# Firearms and Shooting > Shotgunning >  Shooting clays 50/50 hit and miss whats my problem

## username

http://www.youtube.com/watch?v=zv2uR...e_gdata_player

----------


## Spanners

Need to put head down on stock. Shooting over it  :Have A Nice Day:

----------


## veitnamcam

Just need a bigger gun mate.

Sent from my GT-S5360T using Tapatalk 2

----------


## Spanners

Wrong choke ?

----------


## Munsey

> Need to put head down on stock. Shooting over it


I've been Fucken hopeless on the birds this season so far , so bad even my dog was leaving me for the blokes 200 mts along the lake from me . Poor bugger watching them smash ducks all morning . I'm thinking of a camera running behind me so can see what's going wrong .?? .

----------


## username

> Wrong choke ?


Its not helping that im using a solid slug. might try 7s through it

----------


## Dundee

Change ya brew :Grin:

----------


## Rushy

I do not do very much shot gunning at all but when I do it is almost always on clays and I am either right on the money all day long or I am missing every last one of the annoying little fuckers.  The difference for me seems to be my over thinking it.

----------


## SiB

Dominant eye problem? (ie right shoulder - is it your right eye that is looking over the bead?)

----------


## username

Can you guys see the vid i posted? The tank shooting a 5 foot clay. i was taking the piss. Was i too subtle :Have A Nice Day:  I can hit a clay at least 60% of the time.  :Have A Nice Day:

----------


## SiB

oh. nah can't see vids on work pc. I'll pull my head back in . . . . . . . .

----------


## Dundee

> Can you guys see the vid i posted? The tank shooting a 5 foot clay. i was taking the piss. Was i too subtle I can hit a clay at least 60% of the time.

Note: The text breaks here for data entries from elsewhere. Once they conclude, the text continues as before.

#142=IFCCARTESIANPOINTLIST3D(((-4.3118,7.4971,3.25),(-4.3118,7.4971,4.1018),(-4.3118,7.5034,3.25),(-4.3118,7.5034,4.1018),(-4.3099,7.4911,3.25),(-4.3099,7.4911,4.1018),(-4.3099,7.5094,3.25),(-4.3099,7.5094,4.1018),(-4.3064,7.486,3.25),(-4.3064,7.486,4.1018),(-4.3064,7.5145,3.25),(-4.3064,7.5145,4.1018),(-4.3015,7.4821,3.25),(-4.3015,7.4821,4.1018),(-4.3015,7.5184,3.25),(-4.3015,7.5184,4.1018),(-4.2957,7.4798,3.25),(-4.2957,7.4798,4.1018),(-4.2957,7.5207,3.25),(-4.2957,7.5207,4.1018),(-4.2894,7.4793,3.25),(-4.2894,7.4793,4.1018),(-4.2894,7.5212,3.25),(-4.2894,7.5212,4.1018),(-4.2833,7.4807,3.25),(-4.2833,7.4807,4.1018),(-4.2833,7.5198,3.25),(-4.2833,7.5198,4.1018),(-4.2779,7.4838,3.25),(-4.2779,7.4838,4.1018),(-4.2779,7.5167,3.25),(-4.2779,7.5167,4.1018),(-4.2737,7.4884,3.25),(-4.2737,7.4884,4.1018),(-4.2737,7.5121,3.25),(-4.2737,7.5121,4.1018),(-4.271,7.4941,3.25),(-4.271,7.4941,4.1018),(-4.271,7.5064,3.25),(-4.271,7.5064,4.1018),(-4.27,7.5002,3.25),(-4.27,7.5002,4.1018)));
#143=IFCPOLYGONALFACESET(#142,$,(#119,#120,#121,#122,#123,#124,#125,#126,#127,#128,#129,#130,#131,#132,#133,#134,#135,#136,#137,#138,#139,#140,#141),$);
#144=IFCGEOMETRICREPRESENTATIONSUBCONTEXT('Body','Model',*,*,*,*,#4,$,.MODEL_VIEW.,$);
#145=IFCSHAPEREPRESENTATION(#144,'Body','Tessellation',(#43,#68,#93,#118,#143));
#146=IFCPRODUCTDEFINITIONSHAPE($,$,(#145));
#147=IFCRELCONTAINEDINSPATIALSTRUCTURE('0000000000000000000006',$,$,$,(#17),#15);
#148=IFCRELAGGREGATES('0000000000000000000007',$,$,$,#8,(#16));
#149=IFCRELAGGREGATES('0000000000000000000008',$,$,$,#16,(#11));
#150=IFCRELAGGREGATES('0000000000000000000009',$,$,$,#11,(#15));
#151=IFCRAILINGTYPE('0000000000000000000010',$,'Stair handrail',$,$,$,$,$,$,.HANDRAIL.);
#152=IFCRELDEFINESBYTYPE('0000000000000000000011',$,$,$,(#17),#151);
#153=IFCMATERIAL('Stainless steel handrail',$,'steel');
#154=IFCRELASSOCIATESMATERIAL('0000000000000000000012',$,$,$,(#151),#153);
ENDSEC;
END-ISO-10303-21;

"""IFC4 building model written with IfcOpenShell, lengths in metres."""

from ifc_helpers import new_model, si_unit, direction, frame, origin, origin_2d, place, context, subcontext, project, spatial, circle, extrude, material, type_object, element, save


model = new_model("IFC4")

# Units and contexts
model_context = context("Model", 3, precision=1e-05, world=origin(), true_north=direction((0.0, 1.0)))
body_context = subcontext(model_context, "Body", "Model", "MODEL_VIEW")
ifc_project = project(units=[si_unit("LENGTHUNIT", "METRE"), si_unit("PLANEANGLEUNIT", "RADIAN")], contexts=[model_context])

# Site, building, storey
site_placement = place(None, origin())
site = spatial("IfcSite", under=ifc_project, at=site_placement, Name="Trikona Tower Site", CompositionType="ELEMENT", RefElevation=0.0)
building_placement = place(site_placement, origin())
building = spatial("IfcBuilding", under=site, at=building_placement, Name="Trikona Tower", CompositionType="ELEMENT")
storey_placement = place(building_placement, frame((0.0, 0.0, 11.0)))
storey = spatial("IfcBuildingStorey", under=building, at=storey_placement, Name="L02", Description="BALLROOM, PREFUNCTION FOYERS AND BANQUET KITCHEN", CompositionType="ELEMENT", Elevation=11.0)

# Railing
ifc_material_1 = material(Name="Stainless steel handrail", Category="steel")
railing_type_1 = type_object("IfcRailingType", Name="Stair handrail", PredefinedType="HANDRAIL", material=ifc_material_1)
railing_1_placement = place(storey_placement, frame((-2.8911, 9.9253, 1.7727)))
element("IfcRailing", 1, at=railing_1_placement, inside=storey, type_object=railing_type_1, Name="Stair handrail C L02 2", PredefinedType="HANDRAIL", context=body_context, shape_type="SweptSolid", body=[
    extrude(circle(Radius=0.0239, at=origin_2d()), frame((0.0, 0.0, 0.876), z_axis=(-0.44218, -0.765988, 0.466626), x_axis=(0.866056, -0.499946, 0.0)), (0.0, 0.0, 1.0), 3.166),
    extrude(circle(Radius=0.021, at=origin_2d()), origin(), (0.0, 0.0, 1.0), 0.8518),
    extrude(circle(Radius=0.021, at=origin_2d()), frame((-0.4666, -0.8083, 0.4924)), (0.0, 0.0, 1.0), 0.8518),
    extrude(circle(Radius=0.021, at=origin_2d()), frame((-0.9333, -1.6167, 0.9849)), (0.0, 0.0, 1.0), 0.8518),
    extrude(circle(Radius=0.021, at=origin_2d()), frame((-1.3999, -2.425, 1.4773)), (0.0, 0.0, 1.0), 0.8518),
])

Yeah thats a laugh. Happy birthday username :Grin:

----------


## Rushy

> Yeah thats a laugh. Happy birthday username


Happy Birthday yourself Dundee.  And you as well Username

----------


## Dundee

thanks Rushy,I missed a friggen magpie this morning with my tank

----------


## username

Cheers mate. The only night of the year my wife cant say no and shes bloody out of town :Sad:

----------


## Kiwi Sapper

> Can you guys see the vid i posted? The tank shooting a 5 foot clay. i was taking the piss. Was i too subtle I can hit a clay at least 60% of the time.


What I saw was a tank firing (probably blanks) "presumably" at an oversize clay and the clay (If that is what it was) actually exploding long past passing the firing line of the tank barrel............Frame by frame advance to check if you don't believe me.....But Hey, after all, it was an advertisement for beer so we expect some imagination.. :Have A Nice Day:

----------


## username

Fuck id hate to sit though a movie with you picking holes in it :Wink:

----------


## Kiwi Sapper

> Fuck id hate to sit though a movie with you picking holes in it



No problem, just keep me plied with popcorn and Fanta and the only sounds you'll get from me will be crunching and gurgling. :Wink:

----------


## username

Its a date

----------


## Ground Control

If you are after tips on your technique and what your doing wrong , then there is a member here called madds who has shot at and missed more clay targets than anyone in NZ , he's your man to talk to .

 :Grin: 

Ken

----------


## hunter308

They havent seen me shoot with a shotgun yet I can't even hit a fucking duck!!!!!! I blame the fact that it did not have a scope

----------


## Toby

Get a red dot for the shotty

----------


## madds

Shoot it on the water, when it's not moving!!!!
Come to one of our Sporting shoots and have a go, bound to improve your shooting.

----------


## hunter308

> Shoot it on the water, when it's not moving!!!!
> *Come to one of our Sporting shoots and have a go, bound to improve your shooting.*


Would love to but sold my shotgun three years ago after my first and last duck season, would actually like to have a go a clay bird shooting one day if I decide to buy another shotgun

----------


## madds

Well hunter308, good choice by the way , I still have and cherish an old BSA Majestic 308 granddad gave me for my 21st. Infact it's the only high powered rifle I have!!
If you are keen we can probably find you a gun for a days sporting clays.
We have a Compak shoot coming up at Burnham on Sunday 23rd.
Room for unregistered shooters as well as the die hard sporto's!!`

----------


## hunter308

> Well hunter308, good choice by the way , I still have and cherish an old BSA Majestic 308 granddad gave me for my 21st. Infact it's the only high powered rifle I have!!
> If you are keen we can probably find you a gun for a days sporting clays.
> We have a Compak shoot coming up at Burnham on Sunday 23rd.
> Room for unregistered shooters as well as the die hard sporto's!!`


Bugger that's down the South Island or I would have been there bright eyed and bushy tailed and ready to make a fool of myself with all the clay birds I would miss lol.

----------


## Scouser

> No problem, just keep me plied with popcorn and Fanta and the only sounds you'll get from me will be crunching and gurgling.


What!....no farting?.....i LOVE farting at the movies....titter, titter......

----------


## Rushy

> I would have been there bright eyed and bushy tailed and ready to make a fool of myself with all the clay birds I would miss lol.


I can make a fool of myself without shooting clays.  In fact I do quite often.

----------


## Dundee

This looks like bloody good fun :Cool:

----------